No. In my hypothesis, I never called existence brute fact. My hypothsis does assume existence of the world, and is a justified assumption, unless you want to doubt it. Do you?





Brute fact has a technical meaning in philosophy.

X is a brute fact if and only if 1. X is contingent, and 2. It is not entailed by other facts.

2 is not completely precise, because i don` t want to get into all the technical stuff here.
The basic idea is that X is the effect, or result of some other facts. That is to say, There is not facts q, such that q implies the existence of X.
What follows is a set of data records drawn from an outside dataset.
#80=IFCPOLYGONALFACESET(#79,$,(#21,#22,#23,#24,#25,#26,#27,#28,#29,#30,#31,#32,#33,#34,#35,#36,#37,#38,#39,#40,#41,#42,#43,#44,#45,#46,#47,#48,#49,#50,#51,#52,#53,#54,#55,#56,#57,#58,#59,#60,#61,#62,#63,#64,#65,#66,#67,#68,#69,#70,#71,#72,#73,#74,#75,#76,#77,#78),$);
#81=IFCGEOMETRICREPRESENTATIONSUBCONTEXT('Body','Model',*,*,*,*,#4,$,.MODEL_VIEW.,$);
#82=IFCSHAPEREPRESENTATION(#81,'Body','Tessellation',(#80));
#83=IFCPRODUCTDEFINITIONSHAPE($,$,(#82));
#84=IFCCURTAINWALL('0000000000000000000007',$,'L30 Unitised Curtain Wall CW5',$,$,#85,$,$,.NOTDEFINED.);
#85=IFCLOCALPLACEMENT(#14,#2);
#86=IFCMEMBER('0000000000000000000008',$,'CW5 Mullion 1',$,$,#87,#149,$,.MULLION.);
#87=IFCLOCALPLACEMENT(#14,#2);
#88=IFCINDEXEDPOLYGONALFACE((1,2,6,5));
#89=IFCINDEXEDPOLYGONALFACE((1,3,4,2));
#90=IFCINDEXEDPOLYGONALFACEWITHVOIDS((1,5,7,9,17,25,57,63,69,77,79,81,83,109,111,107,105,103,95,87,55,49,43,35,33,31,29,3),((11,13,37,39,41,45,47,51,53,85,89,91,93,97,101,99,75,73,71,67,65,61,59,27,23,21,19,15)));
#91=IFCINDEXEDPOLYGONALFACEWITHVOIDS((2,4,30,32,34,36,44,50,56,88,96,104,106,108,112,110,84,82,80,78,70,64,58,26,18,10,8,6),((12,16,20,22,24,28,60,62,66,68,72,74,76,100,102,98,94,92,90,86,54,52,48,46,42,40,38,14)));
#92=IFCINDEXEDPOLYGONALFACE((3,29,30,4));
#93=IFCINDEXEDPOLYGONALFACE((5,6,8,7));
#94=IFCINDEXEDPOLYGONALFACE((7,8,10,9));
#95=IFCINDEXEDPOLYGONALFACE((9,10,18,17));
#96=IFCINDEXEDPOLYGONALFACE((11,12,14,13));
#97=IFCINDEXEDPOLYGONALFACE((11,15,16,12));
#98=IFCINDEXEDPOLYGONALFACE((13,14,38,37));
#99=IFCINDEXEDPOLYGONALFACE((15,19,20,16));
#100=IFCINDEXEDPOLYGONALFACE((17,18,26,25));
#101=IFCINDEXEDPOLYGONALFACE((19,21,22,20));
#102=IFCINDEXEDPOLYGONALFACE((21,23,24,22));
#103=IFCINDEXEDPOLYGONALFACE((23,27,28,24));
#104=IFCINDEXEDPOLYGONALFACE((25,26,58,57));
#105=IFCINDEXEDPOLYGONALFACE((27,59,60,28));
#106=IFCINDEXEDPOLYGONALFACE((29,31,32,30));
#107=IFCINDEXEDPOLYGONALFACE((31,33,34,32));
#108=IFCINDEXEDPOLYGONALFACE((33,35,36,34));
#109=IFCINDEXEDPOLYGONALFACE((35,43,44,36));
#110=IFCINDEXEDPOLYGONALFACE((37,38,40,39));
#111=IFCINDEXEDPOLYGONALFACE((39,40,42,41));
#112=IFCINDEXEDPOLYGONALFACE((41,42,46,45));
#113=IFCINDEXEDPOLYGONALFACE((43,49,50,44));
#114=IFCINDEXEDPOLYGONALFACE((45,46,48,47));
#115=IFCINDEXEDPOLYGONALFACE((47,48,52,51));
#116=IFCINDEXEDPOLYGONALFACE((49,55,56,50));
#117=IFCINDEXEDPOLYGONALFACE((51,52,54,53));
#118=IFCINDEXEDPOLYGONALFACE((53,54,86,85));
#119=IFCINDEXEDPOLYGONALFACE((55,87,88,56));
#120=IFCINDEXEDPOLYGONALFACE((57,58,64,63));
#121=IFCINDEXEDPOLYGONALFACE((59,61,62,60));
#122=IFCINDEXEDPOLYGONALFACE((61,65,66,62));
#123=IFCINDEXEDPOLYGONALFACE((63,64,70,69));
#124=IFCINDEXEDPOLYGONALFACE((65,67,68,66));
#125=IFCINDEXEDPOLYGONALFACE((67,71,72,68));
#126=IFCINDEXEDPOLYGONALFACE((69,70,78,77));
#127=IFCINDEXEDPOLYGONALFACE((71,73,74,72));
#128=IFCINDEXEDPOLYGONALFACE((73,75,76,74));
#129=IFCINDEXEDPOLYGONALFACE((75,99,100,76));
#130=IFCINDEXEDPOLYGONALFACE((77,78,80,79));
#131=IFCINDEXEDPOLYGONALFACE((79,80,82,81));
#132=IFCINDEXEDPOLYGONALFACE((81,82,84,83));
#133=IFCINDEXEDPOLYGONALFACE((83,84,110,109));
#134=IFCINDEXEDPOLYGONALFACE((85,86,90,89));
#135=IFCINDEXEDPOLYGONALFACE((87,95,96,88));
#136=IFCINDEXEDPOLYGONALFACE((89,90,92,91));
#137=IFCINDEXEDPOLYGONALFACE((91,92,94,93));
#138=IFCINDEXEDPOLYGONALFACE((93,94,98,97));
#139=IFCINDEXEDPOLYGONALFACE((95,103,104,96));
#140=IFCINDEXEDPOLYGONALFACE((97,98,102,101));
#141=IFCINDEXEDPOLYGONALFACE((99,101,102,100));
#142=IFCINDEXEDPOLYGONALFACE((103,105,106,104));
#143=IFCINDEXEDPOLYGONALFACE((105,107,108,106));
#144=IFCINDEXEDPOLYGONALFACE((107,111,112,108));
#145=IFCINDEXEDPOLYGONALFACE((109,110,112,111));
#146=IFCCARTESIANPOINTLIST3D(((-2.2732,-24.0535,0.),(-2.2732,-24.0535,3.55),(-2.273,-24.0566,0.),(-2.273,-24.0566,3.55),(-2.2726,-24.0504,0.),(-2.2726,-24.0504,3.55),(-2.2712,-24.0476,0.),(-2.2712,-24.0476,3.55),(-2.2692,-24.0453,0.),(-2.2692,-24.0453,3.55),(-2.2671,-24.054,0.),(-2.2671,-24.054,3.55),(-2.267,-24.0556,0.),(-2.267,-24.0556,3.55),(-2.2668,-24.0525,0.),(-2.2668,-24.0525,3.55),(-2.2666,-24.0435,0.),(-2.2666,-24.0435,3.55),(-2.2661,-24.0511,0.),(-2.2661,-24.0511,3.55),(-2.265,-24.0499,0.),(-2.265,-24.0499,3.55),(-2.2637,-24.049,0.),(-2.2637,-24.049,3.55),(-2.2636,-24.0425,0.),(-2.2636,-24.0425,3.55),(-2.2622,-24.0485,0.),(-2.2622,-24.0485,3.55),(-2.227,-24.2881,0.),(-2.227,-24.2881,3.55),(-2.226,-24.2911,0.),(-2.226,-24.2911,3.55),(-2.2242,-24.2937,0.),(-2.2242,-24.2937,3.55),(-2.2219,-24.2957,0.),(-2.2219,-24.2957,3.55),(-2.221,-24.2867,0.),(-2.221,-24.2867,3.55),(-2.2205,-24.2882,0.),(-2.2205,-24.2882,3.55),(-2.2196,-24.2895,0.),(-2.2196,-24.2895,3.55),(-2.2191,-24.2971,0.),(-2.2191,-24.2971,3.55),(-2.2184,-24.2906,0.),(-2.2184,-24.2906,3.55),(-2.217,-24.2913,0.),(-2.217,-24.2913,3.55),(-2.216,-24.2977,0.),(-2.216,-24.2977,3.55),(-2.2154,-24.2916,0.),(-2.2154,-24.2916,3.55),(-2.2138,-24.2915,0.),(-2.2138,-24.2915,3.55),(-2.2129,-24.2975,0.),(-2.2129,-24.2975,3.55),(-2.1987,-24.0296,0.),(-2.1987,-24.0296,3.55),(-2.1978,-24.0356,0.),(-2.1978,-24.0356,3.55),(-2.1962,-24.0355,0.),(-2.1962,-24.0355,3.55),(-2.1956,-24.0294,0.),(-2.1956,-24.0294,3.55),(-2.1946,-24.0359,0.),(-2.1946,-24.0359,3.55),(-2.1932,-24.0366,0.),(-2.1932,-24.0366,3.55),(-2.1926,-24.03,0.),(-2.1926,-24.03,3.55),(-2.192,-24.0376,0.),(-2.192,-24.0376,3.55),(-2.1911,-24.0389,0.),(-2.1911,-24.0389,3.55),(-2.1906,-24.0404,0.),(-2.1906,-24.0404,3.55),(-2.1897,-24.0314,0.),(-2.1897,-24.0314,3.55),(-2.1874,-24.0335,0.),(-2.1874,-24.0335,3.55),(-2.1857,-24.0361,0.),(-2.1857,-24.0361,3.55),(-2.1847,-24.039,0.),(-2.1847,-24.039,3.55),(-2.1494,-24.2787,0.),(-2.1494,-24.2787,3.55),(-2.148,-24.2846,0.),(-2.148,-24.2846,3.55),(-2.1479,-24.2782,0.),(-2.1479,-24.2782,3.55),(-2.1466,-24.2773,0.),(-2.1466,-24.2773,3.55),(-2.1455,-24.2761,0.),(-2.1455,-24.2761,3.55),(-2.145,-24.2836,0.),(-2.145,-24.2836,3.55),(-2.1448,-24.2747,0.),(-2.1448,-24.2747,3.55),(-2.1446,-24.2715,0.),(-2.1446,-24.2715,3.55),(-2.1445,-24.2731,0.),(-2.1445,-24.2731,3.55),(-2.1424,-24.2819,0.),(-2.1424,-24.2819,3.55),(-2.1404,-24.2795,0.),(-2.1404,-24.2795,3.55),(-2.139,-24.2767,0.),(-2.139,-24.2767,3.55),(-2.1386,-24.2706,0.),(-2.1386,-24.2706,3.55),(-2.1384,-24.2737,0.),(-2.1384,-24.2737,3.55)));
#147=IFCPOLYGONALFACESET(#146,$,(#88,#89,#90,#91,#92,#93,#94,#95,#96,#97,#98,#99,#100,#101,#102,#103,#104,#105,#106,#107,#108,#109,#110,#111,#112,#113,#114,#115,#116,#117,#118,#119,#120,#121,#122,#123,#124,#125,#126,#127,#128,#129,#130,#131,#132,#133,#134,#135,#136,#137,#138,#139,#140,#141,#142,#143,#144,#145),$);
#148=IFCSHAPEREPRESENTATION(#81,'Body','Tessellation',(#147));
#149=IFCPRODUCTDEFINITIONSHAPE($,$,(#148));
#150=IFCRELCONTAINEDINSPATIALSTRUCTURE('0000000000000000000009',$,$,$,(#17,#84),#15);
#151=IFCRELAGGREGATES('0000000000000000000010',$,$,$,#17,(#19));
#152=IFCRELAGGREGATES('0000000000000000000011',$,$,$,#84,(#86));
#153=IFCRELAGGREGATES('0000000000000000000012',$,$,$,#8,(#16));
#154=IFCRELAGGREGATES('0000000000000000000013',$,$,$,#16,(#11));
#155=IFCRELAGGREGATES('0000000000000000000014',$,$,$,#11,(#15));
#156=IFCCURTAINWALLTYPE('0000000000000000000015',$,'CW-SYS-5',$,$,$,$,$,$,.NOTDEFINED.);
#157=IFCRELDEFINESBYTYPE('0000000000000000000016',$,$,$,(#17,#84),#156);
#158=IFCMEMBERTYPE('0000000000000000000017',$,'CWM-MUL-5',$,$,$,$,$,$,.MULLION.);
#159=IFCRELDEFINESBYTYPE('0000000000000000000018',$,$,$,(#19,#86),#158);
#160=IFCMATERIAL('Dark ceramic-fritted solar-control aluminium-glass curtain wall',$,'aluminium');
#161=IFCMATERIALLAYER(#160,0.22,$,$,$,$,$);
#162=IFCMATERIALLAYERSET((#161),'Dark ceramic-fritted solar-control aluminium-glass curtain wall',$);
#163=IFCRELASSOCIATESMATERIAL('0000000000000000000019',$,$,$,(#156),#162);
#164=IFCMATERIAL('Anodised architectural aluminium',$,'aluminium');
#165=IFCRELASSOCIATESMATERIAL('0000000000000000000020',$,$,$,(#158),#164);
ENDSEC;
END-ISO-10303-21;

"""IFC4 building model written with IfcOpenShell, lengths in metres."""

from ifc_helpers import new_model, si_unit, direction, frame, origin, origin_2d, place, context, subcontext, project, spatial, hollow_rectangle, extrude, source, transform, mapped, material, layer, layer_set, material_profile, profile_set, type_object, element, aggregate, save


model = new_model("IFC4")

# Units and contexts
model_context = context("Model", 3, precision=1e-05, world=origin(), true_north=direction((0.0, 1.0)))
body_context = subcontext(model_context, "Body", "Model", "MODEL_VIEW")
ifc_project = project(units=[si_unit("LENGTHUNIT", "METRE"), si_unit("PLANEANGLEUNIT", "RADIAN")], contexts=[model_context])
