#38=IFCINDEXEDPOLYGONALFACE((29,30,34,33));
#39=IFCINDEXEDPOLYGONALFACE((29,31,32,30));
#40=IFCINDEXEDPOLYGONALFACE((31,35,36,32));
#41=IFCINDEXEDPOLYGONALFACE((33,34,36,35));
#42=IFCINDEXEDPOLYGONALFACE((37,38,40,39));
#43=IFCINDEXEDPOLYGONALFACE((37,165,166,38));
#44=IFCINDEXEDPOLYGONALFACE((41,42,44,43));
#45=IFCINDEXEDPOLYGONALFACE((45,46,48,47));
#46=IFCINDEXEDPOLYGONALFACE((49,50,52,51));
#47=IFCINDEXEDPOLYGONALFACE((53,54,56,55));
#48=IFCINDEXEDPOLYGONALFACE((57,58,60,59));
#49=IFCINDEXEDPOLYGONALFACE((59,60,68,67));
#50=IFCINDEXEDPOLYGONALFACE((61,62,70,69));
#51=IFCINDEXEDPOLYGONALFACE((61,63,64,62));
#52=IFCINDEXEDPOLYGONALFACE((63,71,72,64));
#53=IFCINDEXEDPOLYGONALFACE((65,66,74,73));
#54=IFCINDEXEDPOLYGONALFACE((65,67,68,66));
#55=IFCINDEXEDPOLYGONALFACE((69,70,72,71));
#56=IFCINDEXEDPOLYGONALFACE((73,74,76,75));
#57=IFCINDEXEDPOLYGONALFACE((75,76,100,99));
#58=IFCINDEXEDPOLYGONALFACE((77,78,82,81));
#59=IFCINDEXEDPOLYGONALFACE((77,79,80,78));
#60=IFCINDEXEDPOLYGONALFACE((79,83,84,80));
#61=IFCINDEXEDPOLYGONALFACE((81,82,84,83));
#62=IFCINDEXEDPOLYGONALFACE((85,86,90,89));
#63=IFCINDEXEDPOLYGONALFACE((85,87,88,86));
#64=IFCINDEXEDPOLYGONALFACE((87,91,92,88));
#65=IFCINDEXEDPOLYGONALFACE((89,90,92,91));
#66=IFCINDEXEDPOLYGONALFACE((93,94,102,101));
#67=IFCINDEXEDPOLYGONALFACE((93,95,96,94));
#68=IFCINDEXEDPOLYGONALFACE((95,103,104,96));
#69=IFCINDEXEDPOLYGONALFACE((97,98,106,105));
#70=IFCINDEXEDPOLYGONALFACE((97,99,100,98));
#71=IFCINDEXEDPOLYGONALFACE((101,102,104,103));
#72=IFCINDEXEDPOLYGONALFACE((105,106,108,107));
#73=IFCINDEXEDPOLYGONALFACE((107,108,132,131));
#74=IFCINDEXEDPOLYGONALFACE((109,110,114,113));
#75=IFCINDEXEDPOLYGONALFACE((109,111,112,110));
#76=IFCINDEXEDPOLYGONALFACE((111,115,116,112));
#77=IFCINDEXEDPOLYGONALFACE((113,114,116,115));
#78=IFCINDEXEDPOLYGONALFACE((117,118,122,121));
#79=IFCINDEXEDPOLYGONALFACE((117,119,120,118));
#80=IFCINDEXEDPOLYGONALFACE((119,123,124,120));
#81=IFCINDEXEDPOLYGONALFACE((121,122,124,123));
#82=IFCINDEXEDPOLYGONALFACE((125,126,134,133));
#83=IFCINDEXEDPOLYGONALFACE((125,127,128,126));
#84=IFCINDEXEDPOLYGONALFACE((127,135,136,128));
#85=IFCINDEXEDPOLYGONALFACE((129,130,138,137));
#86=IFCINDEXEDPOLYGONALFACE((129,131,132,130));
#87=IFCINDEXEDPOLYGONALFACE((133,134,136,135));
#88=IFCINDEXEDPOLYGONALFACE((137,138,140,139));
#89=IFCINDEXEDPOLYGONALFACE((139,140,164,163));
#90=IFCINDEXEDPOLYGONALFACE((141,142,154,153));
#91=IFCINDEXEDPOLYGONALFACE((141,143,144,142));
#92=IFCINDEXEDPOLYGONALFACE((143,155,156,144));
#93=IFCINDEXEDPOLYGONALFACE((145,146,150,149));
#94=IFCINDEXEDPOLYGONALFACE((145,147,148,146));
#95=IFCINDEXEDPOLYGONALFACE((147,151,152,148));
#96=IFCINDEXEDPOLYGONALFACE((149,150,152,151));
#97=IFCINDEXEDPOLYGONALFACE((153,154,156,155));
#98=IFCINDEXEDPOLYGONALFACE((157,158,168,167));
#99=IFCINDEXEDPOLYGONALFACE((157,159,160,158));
"See no big words either, other than "ontological". Was that too big for you?"
What are you talking about? It is tiny!

Now for X to be brute fact there should another fact to prove it.Now,for the existence of the other fact which proves the fact X,it needs to be a fact too.So,where this cycle stars..is where it ends.
 
  • #248
GeorgCantor said:
You could be religious without belonging to any particular religious dogma.




3. (adj) religious:
scrupulously faithful or exact; strict
 
  • #249
GeorgCantor said:
Without a valid theory on how a wavefunction becomes something, there isn't going to be any progress. From a philosophical perspective, the wave function seems to be transcending the space-time bound as a more fundamental ontological explanation for our observations. The real problem we have here is the problem of mind and consciousness and how wavefunctions become observable matter particles. The answer to the OP is going to range from - the something is a branching actuality in a multiverse of possible outcomes to extreme theories of minds creating actualities. So the OP is not even a philosophical question, as it presupposes the existence of knowledge that isn't available. This, imo, is the border between philosophy and religion and sadly the important questions still seem to lie deep into the domain of religion and faith.

There is also the idea that existence depends upon knowlegde being incomplete. That is, total information would be the same de facto as "nothing." Maybe then, the paradox is an essential feature of existence itself.